On February 27, 2018, the Supreme Court heard oral arguments in a case that will affect the security of data stored in the cloud. At issue in United States v. Microsoft is whether a U.S. based digital communications provider must comply with a warrant for user data stored on servers located outside of the U.S. This case is being heard against the backdrop of Congressional debates regarding proposed amendments to Section 2703 of the Stored Communications Act – some of which are tailored to address this very issue.
The Stored Communications Act governs the proper disclosure of electronic communications and allows for criminal as well as civil remedies for improper disclosure. It was enacted as Title II to the Electronic Communications Privacy Act.
Back in 2013, the Government served Microsoft with a warrant for emails and account information for an account suspected to be involved in a drug-trafficking investigation. Microsoft provided the information stored on the U.S. servers, but refused to provide the additional information and emails stored on the Dublin, Ireland servers.
The district court approved the warrant and held Microsoft in contempt for its refusal to provide the foreign data. On appeal, however, the Second Circuit unanimously reversed the district court’s approval and vacated the contempt order.
Overview of Arguments
Microsoft argues that allowing Section 2703 to extend to data being stored on servers outside the U.S. was not contemplated by Congress and would ignore principals of international comity as well as treaties.
The Government contends that Section 2703 is a tool necessary for law enforcement operations and to construe it to prevent disclosure of foreign data would impede such operations. The crux of the Government’s argument is that where the data is stored should not control for extraterritorial analysis. Rather, the controlling principle is where the disclosure of the data occurs. The Government also relies heavily on recasting a Section 2703 warrant as a subpoena, despite legislative history and the plain text of the statute providing evidence that Congress did not intend for a Section 2703 warrant to operate in such a fashion.
Decreased data privacy is a potential result if the Supreme Court sides with the Government. Microsoft, and a number of commentators, have raised the possibility that if the U.S. is not willing to honor international treaties addressing data privacy, then other countries may also unilaterally circumvent similar obligations so as to reach data stored within the United States. This poses an issue for U.S. and non-U.S. citizens alike who rely on private companies maintaining the security of sensitive personal data.

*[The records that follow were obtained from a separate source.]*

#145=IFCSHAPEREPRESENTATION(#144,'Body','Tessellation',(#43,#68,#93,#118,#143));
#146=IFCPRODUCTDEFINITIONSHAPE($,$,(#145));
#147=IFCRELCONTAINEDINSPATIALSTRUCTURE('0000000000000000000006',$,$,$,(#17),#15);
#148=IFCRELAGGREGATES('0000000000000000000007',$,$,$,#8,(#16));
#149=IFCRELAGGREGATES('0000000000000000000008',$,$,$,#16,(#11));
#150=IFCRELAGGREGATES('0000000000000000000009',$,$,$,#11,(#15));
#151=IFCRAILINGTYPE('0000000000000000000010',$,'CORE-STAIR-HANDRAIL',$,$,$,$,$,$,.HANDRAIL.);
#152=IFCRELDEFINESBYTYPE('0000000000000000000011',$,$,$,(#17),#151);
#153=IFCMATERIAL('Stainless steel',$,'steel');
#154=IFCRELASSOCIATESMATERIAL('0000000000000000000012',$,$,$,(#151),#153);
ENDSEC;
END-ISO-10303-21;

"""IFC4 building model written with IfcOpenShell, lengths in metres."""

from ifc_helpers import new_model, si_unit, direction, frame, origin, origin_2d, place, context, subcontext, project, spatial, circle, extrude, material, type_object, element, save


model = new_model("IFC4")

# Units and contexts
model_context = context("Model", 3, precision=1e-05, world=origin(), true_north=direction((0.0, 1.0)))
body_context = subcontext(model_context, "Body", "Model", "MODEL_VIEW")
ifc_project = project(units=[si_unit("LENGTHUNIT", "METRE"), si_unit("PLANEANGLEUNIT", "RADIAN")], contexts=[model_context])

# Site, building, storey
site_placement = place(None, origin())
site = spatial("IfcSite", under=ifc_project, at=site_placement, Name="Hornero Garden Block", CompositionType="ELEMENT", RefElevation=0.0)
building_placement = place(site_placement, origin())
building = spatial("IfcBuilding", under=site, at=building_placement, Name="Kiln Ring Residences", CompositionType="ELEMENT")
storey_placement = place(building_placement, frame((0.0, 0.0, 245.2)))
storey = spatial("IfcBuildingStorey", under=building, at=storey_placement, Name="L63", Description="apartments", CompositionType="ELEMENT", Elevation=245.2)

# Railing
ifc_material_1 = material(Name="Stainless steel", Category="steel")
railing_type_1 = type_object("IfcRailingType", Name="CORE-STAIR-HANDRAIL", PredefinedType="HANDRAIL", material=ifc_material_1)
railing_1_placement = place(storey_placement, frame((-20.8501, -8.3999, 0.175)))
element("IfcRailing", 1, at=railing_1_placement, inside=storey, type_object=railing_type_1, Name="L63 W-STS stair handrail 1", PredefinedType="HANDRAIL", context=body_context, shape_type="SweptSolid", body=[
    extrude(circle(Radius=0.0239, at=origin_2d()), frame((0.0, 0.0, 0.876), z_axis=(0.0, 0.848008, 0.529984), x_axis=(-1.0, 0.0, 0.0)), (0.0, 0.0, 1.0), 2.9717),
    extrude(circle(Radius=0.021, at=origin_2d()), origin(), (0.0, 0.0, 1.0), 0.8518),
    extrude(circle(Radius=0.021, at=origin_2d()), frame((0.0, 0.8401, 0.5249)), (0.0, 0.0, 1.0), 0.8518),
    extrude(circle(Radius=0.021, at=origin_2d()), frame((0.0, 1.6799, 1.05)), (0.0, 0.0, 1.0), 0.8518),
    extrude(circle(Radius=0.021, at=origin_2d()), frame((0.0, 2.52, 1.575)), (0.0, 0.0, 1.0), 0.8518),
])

A ruling allowing a Section 2703 warrant to reach into a sovereign country also threatens to implicate and in some instances, violate that sovereign country’s own laws. As Ireland is a member of the European Union, data stored within Ireland is subject not only to Ireland’s laws, but is also afforded protections against disclosure under the General Data Protection Regulation (GDPR). Such protections cannot be overlooked, as disclosure of data in violation of the GDPR could serve as a basis for a civil cause of action in Ireland.